# Burning smell when I turn it up.



## Texas_Ace (May 24, 2007)

Ok, i have noriced this a few times. I will be listening to my system and i will turn it up and almost instantly i will start to smell a burning smell.

Not like a on fire smell but like when you use a new drill for the first time smell. What i want to know is where is it coming from? The speakers? the amp? the HU?

The amp is an A/D/S/ 6.25 
the speakers are some cheap efx componets
and a Alpine HU.


My guess is that it is the speakers but why would they be doing that?


----------



## Hillbilly SQ (Jan 26, 2007)

i'm gonna blame either the passive crossovers or tweeters. i had that happen with a pg xenon component set.


----------



## Oliver (Jun 25, 2007)

Texas Ace, do a search for "clipping".

You might be burning the varnish off of your voice coils.

When clipping occurs, there are some hard to handle watts produced.

Start looking for some more speakers, just in case !


----------



## tcguy85 (Oct 29, 2007)

probably come clipping.


----------



## demon2091tb (May 30, 2005)

Or glue thats melting off the vc assembly or inside the passives.......If you get Grey smoke then theres a problem.......


----------



## solacedagony (May 18, 2006)

Hic said:


> When clipping occurs, there are some hard to handle watts produced.


Watts are watts, there's just more of them


----------



## Thumper26 (Sep 23, 2005)

lol, true, but the "more of them" part is the issue.


----------



## Oliver (Jun 25, 2007)

Manville Smith on "What's that smell"  

100 watts of power (twice the heat as a sine wave).

Music has a significantly higher crest factor than sine waves or square waves. A highly dynamic recording (Sheffield Lab, Chesky, etc.) typically has a crest factor of 20dB or more, meaning that its average power is 100 times lower than its peak power. So, if we play our 100 watt amplifier just below clipping with the typical audiophile recording our speaker is only needing to dissipate 1 watt of average power over time.

Modern commercial recordings typically exhibit crest factors of around 10dB, meaning that the average power is 10 times lower than the peak power. So, our 100 watt amp just below clipping would deliver an average power over time of 10 watts that the speaker has to dissipate.

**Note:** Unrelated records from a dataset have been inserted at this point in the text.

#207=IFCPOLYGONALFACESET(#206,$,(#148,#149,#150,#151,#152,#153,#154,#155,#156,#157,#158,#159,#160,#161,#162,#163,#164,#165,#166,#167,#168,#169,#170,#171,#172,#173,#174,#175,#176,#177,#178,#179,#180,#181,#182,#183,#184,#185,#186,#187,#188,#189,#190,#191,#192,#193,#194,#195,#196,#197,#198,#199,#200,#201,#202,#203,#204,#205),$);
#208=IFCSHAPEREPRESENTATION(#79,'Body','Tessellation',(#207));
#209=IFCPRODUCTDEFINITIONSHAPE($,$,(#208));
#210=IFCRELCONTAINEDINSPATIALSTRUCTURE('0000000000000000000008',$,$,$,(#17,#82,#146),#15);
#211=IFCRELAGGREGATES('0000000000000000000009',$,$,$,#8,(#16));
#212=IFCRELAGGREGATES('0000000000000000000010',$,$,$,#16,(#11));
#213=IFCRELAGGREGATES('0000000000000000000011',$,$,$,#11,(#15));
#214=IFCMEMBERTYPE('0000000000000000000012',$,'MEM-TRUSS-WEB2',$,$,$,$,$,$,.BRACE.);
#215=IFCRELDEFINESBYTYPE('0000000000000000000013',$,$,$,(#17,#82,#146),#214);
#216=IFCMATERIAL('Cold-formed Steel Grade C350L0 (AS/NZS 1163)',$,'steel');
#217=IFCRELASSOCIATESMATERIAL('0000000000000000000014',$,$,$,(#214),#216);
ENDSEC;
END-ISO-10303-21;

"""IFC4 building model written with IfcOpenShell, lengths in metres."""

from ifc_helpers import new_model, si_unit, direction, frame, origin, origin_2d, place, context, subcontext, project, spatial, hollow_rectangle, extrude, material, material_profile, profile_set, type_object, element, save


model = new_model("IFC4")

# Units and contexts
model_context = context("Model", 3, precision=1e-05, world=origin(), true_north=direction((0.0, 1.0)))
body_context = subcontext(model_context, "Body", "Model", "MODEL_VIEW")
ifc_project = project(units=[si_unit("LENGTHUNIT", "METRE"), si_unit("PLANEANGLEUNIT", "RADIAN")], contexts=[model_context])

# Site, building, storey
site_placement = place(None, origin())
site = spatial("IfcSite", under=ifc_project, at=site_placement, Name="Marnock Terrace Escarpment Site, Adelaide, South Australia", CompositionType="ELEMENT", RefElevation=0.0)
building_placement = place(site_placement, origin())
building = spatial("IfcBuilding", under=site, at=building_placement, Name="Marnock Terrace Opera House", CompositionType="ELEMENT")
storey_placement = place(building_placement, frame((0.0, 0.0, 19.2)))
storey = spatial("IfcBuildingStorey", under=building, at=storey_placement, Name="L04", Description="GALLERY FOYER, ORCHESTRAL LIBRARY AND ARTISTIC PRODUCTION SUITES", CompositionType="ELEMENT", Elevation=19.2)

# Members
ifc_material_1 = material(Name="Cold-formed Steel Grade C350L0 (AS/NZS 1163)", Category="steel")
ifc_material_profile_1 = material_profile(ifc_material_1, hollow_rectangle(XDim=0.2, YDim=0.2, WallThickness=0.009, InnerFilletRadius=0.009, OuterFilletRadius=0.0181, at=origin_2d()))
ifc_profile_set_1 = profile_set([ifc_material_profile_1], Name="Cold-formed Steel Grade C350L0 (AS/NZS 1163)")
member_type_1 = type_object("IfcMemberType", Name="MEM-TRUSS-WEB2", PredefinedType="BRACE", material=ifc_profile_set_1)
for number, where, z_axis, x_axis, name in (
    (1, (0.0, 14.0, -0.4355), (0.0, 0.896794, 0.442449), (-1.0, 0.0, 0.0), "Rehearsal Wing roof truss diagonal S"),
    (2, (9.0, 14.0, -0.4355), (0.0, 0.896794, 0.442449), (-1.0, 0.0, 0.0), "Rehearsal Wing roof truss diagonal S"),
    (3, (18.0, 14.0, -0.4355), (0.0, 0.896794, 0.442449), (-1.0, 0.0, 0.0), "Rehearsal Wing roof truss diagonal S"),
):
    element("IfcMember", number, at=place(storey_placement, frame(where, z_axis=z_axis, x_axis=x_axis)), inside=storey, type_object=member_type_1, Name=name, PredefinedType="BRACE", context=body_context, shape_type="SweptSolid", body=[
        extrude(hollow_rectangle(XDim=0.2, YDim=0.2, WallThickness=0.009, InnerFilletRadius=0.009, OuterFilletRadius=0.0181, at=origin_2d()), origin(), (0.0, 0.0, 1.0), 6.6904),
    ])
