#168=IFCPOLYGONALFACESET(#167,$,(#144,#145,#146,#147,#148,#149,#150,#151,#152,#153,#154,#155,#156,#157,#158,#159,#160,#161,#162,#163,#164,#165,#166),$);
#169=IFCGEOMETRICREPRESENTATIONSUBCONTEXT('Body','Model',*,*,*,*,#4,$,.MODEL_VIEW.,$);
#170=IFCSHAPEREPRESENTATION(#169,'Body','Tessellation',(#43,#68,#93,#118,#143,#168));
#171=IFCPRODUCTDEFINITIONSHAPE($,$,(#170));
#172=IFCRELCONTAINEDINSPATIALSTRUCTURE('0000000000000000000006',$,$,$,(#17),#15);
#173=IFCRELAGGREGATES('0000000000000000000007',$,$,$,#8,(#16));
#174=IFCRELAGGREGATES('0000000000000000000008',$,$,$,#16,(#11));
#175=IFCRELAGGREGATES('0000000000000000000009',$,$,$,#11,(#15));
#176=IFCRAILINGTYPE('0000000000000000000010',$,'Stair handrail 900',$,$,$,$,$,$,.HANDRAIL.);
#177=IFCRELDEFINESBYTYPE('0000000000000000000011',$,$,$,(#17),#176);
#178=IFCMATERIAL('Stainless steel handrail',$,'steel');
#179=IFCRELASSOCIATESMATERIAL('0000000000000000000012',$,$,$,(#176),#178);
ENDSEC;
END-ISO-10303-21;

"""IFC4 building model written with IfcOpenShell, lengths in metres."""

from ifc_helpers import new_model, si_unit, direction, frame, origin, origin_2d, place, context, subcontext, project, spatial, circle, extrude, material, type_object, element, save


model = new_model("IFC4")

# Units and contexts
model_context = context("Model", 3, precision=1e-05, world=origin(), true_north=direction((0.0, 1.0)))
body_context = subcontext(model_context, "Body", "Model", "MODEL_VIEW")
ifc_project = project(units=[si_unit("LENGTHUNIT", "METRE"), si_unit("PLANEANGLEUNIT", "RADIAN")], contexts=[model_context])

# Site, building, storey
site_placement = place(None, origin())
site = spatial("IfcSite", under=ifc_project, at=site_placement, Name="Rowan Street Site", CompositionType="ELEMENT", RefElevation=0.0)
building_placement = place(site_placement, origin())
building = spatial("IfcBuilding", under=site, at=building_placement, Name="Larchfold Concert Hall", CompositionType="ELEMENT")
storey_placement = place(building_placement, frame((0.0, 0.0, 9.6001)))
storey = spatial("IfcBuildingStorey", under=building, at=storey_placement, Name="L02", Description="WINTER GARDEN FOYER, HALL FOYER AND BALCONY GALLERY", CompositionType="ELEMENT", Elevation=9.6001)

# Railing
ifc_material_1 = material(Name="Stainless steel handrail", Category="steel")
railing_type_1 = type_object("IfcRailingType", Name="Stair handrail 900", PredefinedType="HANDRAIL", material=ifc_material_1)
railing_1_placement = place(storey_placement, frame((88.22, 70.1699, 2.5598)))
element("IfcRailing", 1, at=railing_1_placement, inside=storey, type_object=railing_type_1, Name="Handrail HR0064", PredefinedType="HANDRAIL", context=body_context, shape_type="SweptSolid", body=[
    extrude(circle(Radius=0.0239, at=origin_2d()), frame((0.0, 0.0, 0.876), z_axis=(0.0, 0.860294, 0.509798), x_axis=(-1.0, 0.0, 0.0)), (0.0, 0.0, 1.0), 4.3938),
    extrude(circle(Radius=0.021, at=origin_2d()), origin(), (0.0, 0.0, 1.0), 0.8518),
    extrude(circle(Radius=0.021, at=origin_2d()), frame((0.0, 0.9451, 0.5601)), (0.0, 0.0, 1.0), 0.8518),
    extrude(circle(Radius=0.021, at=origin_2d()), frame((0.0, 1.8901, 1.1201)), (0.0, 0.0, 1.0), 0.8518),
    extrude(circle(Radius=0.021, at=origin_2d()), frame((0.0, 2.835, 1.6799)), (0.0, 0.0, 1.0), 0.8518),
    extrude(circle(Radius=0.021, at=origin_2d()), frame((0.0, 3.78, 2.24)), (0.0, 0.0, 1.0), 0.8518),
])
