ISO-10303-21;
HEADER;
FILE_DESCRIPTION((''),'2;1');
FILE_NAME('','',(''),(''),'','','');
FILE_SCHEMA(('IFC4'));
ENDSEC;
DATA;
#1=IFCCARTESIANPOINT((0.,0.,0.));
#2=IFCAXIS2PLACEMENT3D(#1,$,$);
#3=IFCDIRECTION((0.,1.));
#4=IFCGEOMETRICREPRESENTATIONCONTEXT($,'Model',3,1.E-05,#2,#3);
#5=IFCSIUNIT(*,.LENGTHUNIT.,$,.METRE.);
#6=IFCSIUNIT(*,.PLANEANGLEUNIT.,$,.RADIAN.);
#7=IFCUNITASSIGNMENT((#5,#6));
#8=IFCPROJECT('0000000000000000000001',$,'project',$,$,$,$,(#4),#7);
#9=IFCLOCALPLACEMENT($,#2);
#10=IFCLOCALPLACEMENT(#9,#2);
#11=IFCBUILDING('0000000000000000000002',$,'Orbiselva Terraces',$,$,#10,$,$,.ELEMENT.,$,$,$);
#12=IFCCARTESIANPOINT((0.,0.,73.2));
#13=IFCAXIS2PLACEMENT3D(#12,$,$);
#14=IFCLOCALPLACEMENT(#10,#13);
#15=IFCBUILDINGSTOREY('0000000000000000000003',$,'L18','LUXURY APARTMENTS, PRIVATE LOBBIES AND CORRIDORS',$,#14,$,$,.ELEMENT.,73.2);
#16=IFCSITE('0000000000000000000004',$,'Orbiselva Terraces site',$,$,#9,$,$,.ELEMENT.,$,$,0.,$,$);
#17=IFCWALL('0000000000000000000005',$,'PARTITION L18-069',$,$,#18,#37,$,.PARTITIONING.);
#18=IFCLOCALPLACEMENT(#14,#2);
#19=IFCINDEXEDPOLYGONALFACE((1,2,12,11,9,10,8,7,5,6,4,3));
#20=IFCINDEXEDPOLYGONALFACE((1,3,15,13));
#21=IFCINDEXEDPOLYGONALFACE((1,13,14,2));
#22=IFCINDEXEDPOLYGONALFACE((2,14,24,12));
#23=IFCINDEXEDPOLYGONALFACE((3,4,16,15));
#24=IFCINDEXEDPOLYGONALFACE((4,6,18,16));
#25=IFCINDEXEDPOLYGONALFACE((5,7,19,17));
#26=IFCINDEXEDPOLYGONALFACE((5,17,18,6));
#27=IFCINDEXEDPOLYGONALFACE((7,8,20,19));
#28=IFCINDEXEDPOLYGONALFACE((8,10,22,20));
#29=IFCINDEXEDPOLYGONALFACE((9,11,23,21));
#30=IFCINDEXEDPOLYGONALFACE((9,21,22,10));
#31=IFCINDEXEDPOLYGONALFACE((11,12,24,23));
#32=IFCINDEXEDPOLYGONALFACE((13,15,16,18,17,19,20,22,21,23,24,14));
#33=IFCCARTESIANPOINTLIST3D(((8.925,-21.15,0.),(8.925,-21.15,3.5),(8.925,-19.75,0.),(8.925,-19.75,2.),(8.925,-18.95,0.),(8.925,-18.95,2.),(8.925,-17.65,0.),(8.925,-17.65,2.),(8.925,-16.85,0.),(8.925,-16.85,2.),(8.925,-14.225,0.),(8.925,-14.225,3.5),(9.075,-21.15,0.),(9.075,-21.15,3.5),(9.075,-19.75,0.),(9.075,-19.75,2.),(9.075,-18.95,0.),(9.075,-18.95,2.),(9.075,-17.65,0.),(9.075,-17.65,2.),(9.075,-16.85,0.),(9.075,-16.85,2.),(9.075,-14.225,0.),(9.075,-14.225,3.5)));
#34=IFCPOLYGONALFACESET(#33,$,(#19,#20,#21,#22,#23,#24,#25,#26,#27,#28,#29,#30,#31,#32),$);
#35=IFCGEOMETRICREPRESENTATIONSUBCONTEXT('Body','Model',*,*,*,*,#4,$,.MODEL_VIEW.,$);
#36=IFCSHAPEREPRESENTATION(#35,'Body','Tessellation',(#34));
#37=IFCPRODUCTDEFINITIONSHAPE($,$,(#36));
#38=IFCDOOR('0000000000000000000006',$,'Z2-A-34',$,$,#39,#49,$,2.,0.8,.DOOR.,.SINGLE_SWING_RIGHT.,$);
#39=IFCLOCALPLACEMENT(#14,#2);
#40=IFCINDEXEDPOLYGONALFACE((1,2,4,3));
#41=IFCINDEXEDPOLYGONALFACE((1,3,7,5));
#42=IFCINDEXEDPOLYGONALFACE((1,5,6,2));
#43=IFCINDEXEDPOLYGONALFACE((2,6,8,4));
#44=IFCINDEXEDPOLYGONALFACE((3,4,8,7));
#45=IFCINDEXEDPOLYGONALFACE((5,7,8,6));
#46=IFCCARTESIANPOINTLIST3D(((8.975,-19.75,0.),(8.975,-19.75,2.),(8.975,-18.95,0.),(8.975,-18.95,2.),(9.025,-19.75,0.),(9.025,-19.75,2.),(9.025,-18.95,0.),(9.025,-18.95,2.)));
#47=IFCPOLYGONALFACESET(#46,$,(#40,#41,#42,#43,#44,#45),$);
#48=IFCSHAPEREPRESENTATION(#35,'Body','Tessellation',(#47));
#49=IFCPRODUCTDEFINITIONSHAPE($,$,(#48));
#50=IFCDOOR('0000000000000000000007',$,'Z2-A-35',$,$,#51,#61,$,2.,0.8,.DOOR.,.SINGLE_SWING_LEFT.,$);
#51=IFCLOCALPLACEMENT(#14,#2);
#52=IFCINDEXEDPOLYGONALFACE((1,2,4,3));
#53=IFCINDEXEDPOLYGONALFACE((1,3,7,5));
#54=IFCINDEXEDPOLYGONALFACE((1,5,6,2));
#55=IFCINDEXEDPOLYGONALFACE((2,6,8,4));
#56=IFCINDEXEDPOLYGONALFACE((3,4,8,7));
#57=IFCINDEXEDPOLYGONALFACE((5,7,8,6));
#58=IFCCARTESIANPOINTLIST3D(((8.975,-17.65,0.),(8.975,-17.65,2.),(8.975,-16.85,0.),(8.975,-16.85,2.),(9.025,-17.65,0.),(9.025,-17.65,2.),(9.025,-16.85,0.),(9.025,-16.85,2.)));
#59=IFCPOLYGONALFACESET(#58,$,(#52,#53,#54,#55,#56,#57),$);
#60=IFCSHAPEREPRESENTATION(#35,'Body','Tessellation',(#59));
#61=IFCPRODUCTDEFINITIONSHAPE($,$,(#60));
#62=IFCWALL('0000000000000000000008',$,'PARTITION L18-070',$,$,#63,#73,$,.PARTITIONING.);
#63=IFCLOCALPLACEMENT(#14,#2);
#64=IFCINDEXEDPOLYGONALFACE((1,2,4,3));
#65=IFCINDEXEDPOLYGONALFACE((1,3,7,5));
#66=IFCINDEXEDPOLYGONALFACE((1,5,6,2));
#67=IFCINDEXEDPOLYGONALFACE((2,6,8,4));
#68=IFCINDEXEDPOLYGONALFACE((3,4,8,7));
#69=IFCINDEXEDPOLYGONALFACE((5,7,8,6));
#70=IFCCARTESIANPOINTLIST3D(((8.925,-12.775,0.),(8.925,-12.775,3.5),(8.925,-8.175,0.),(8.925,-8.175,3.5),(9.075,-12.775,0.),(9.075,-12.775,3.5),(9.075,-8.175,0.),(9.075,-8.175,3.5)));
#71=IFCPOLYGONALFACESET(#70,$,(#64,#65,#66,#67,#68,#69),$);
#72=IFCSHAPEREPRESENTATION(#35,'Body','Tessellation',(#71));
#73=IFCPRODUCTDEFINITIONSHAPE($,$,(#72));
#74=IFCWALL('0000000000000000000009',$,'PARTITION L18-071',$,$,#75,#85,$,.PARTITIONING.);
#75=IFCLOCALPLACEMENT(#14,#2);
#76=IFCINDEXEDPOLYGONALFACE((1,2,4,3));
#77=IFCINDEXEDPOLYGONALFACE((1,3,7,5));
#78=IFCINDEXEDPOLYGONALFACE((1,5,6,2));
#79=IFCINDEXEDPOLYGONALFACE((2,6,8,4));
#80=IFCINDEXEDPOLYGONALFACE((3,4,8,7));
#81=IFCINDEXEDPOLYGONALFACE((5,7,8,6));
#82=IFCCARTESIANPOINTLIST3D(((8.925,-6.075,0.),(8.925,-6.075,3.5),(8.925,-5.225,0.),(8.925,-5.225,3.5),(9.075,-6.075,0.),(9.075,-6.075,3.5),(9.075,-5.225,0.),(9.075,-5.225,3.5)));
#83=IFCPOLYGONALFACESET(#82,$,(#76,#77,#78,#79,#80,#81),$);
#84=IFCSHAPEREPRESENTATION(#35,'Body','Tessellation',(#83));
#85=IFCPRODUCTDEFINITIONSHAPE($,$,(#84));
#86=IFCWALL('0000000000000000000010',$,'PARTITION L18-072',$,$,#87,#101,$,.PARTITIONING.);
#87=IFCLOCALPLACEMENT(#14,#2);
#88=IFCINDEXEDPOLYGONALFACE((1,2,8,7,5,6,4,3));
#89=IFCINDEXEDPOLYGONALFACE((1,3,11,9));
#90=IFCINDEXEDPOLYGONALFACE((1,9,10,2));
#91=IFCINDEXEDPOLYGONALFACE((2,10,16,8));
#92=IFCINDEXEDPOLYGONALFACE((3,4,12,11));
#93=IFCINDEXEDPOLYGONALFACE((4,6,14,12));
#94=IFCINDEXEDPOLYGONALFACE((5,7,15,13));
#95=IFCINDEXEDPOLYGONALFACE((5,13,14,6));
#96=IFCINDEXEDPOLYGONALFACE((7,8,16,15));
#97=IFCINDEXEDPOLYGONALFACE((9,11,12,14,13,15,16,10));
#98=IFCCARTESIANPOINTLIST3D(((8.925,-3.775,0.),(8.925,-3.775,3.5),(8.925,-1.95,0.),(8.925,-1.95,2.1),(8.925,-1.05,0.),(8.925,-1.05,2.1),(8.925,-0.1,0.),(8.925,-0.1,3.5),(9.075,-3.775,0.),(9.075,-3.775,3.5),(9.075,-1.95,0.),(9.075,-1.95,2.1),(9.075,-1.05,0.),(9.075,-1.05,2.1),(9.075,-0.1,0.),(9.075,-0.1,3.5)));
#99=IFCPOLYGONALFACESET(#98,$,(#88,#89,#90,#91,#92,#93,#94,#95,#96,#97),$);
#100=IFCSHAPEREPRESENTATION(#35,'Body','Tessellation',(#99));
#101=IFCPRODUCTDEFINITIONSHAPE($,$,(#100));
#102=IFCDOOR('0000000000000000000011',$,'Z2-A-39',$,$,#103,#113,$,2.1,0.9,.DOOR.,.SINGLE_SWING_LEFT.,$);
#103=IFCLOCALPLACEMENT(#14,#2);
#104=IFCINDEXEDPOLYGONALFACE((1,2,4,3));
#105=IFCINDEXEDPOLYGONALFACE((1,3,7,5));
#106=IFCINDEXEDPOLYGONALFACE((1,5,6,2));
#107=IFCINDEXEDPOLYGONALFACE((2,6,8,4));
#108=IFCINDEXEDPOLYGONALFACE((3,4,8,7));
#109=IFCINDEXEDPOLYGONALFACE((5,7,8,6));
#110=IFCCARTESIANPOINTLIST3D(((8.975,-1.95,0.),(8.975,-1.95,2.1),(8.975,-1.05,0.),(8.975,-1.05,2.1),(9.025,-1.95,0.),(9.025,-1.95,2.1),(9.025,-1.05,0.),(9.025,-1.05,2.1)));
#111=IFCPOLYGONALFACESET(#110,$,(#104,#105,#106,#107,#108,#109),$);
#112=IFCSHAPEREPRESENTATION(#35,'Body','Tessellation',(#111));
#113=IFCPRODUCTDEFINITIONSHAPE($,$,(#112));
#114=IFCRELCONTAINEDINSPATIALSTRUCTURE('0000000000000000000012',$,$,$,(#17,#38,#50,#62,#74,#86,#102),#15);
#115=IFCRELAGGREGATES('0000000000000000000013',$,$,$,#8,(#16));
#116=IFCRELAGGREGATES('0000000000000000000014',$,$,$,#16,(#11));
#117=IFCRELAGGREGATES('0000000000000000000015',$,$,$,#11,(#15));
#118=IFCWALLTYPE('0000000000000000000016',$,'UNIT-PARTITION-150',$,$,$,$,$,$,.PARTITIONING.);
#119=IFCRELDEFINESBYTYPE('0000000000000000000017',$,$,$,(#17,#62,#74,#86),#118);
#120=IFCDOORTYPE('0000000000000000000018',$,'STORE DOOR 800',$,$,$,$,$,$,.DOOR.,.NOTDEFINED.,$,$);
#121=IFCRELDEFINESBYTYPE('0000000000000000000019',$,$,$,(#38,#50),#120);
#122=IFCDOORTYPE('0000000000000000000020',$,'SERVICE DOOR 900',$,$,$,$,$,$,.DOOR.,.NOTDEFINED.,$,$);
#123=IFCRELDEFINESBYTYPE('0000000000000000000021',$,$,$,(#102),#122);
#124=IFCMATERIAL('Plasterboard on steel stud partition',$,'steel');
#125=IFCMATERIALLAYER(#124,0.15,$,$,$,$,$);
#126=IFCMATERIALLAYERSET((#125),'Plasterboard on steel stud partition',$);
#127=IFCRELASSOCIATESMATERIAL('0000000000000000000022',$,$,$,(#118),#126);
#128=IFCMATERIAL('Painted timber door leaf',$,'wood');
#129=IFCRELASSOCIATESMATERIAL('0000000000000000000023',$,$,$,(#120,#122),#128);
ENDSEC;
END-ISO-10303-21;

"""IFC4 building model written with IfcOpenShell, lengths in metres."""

from ifc_helpers import new_model, si_unit, direction, frame, frame_2d, origin, place, context, subcontext, project, spatial, rectangle, extrude, material, layer, layer_set, type_object, element, fill, save


model = new_model("IFC4")

# Units and contexts
model_context = context("Model", 3, precision=1e-05, world=origin(), true_north=direction((0.0, 1.0)))
body_context = subcontext(model_context, "Body", "Model", "MODEL_VIEW")
ifc_project = project(units=[si_unit("LENGTHUNIT", "METRE"), si_unit("PLANEANGLEUNIT", "RADIAN")], contexts=[model_context])

# Site, building, storey
site_placement = place(None, origin())
site = spatial("IfcSite", under=ifc_project, at=site_placement, Name="Orbiselva Terraces site", CompositionType="ELEMENT", RefElevation=0.0)
building_placement = place(site_placement, origin())
building = spatial("IfcBuilding", under=site, at=building_placement, Name="Orbiselva Terraces", CompositionType="ELEMENT")
storey_placement = place(building_placement, frame((0.0, 0.0, 73.2)))
storey = spatial("IfcBuildingStorey", under=building, at=storey_placement, Name="L18", Description="LUXURY APARTMENTS, PRIVATE LOBBIES AND CORRIDORS", CompositionType="ELEMENT", Elevation=73.2)

# Shared definitions
ifc_material_1 = material(Name="Plasterboard on steel stud partition", Category="steel")
ifc_layer_1 = layer(ifc_material_1, 0.15)
ifc_layer_set_1 = layer_set([ifc_layer_1], Name="Plasterboard on steel stud partition")
wall_type_1 = type_object("IfcWallType", Name="UNIT-PARTITION-150", PredefinedType="PARTITIONING", material=ifc_layer_set_1)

Okay, so what happens when we clip the amplifier (which we all do at times). When the amplifier enters into clipping, the peak power no longer increases, but here's the KEY... THE AVERAGE POWER CONTINUES TO INCREASE. We can often tolerate a fair amount of clipping... as much as 10 dB or more above clipping with a reasonably dynamic recording... a bit less with a compressed commercial recording.

So, if we turn the volume up 10dB higher than the clipping level with our Sheffield Lab recording, we have now reduced the crest factor of the signal reaching the speakers by 10dB... so instead of needing to dissipate 1 watt average, we are asking the speaker to dissipate 10 watts average, and we're probably ok.

If we turn up the volume 6dB past clipping on a compressed commercial recording (or bass music recording), we have taken the crest factor of the signal from a starting point of 10dB to only 4dB, asking the speaker to dissipate an average power of 40 watts instead of 10 watts... that's FOUR TIMES the average power, which generates four times the heat.

SO, in most cases, the reason clipping can damage a speaker really has nothing to do with anything other than an increase in average power over time. It's really not the shape of the wave or distortion... it's simply more power over time.

When someone plays Bass Mekanik clean (unclipped) on a 1000 watt amplifier the average power is 100 watts (10dB crest factor). You can also make 100 watts average with Bass Mekanik by heavily clipping a 200 watt amplifier.

If someone is blowing a woofer with 200 watts of power due to a lack of restraint with the volume control... they will blow it even faster with a 1000 watt amplifier because they will probably turn it up even more and now they have more power to play with... this is the recipe for aroma of voice coil.

When woofers are rated for power, an unclipped signal is assumed. We use test signal with a crest factor of 6dB for power testing and can run a speaker at its rated power for hours and hours on end without thermal or mechanical failure. For example, a W1v2 can dissipate 150 watts average power for eight hours or more with signal peaks of 600 watts. So, we rate the speaker for 150W continuous power. This way, when a customer needs to choose an amp for it, they will hopefully choose one that can make about 150 W clean power... Even if they clip the bejeezus out of that amplifier, it is unlikely that the speaker will fail thermally. This is a conservative method, but it needs to account for the high cabin temperatures in a car (think Arizona in the summer) which significantly impacts heat dissipation in the speaker. A top plate that starts at 150 degrees F is not as effective at removing heat as one that starts at 72 degrees F in the lab... and this affects the ramp up of heat in the coil.

DISCLAIMER: The frequency components of clipping can affect tweeters due to their low inductance and lack of low-pass filtering. Clipping essentially raises the average power of high frequencies to a point that can damage tweeters... Woofers and midranges couldn't care less about these high frequency components because their filtering and/or inherent inductance knocks that stuff out of the picture.

Best regards,

Manville Smith


----------